Yesterday: plug it in to AC power and an emergency hibernate is triggered, one it doesn't recover from. There's no point looking in /var/log/pm-suspend.log for what happened, because when the machine crashed: no log. Seen that before when logging laptop behaviour on Win98 boxes. They sleep, but they don't wake up.

One finding so far: pulse-audio can't suspend unless you have the machine name set to 127.0.0.1 in /etc/hosts, which may be the ubuntu default, but something that is not much good for Hadoop or RMI on the laptop. It's sudo's fault, and I may go for a network-unfriendly hostname just to see if that is the cause. That or try out Windows 7 for a while.

7Jan
Thu2010
PDF vulnerabilities

The computing industry has got so used to criticising windows for being insecure that it's got complacent. Anything that opens content from an untrusted source -which means any email, any URL- is vulnerable and has to be kept secure. The big problem with Windows and OS/X is that neither platform has support for updating all your installed apps, keeping them secure.

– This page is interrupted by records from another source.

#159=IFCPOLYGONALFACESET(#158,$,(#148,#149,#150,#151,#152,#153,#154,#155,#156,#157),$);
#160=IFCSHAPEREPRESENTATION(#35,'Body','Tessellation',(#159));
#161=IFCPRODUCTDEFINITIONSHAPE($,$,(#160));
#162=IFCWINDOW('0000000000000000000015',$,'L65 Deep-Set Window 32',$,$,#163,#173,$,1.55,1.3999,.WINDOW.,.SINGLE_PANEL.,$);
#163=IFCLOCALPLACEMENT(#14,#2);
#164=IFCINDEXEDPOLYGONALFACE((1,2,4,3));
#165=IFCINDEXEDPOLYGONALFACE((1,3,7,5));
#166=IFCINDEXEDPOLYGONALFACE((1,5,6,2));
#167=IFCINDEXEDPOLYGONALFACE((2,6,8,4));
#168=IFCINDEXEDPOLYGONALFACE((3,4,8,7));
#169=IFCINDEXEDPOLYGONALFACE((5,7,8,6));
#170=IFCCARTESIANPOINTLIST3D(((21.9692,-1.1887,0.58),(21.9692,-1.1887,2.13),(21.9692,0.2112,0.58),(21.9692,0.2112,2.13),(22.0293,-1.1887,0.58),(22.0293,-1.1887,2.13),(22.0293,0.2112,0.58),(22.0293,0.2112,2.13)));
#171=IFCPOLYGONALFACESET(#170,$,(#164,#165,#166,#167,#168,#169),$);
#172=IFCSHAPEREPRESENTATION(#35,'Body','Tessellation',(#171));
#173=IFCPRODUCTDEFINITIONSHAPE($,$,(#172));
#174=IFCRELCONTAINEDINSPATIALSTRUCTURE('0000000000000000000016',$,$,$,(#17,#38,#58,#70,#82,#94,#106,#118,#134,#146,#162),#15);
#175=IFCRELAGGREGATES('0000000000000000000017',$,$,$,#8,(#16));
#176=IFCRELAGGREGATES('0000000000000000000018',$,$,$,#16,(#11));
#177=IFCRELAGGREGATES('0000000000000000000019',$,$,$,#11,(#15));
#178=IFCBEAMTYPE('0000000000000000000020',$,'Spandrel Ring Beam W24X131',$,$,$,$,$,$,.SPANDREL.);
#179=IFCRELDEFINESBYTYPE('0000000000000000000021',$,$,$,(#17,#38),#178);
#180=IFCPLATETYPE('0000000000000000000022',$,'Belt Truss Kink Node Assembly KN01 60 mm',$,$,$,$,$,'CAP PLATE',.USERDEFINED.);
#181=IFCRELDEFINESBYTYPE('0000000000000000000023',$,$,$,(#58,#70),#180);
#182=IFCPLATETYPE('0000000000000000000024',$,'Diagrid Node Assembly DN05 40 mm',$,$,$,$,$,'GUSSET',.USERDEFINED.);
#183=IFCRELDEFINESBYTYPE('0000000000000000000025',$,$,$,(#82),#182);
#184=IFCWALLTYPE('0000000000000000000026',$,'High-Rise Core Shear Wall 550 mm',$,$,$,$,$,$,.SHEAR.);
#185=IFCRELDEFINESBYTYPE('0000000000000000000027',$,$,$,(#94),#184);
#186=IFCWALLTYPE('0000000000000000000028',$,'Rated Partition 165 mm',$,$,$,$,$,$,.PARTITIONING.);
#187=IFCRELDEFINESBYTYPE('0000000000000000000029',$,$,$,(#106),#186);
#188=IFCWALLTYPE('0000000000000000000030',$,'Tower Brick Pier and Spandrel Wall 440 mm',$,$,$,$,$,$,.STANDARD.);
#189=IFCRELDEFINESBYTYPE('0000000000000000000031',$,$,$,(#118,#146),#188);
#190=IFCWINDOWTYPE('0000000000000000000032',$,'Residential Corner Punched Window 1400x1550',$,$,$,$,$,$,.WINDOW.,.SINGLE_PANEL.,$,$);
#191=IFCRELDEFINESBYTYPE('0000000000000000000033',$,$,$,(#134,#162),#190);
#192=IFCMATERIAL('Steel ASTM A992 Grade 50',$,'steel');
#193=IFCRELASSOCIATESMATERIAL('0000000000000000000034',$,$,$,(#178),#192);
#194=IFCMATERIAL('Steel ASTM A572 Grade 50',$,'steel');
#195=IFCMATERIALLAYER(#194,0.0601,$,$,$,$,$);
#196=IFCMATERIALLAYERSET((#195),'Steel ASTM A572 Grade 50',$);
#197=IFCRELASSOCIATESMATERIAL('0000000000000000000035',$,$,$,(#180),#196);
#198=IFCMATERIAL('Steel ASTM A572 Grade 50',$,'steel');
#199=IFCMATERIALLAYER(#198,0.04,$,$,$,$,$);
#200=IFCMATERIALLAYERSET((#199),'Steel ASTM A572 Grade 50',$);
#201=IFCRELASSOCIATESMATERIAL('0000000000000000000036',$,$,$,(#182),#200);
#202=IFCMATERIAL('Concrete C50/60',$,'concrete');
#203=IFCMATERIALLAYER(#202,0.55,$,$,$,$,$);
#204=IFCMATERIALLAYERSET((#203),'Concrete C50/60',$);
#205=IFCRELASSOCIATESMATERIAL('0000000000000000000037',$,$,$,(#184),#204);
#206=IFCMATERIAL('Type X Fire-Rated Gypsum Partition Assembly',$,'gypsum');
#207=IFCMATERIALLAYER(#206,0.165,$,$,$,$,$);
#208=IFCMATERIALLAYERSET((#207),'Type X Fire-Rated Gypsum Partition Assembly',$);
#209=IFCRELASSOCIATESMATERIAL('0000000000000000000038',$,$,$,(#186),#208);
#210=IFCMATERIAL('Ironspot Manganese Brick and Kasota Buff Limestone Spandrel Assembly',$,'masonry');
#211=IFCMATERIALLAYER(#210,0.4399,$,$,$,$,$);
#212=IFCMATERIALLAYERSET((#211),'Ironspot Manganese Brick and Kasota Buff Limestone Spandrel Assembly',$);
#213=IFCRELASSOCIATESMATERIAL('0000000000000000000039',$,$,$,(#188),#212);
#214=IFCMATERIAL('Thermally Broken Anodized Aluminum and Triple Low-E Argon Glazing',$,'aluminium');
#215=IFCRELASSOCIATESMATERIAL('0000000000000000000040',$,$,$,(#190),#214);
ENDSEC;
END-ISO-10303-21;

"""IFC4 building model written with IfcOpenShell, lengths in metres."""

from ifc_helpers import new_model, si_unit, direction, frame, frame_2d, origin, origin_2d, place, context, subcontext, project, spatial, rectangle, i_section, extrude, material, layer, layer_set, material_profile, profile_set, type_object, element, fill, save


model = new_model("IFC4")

Which is a problem given how ubiquitous PDF readers are in the enterprise. Sans has a good analysis up of a malware attack in a PDF for which Acrobat Reader does not have a patch for. The only way to secure it is to turn JavaScript off.

This raises a question. for me, the primary use of Acroread is to read PDF files. No scripting, no browser integration. So why does acroread have these features? It's feature creep for the benefit of Adobe "Let's make acrobat a platform! No need for HTML and web forms! We can do it all in PDF!". This benefit imposes a cost on all users, we have to keep our systems up to date, worry about every Windows VM, add something else to the weekly linux updates. And until such 0-day exploits are fixed, worry a lot.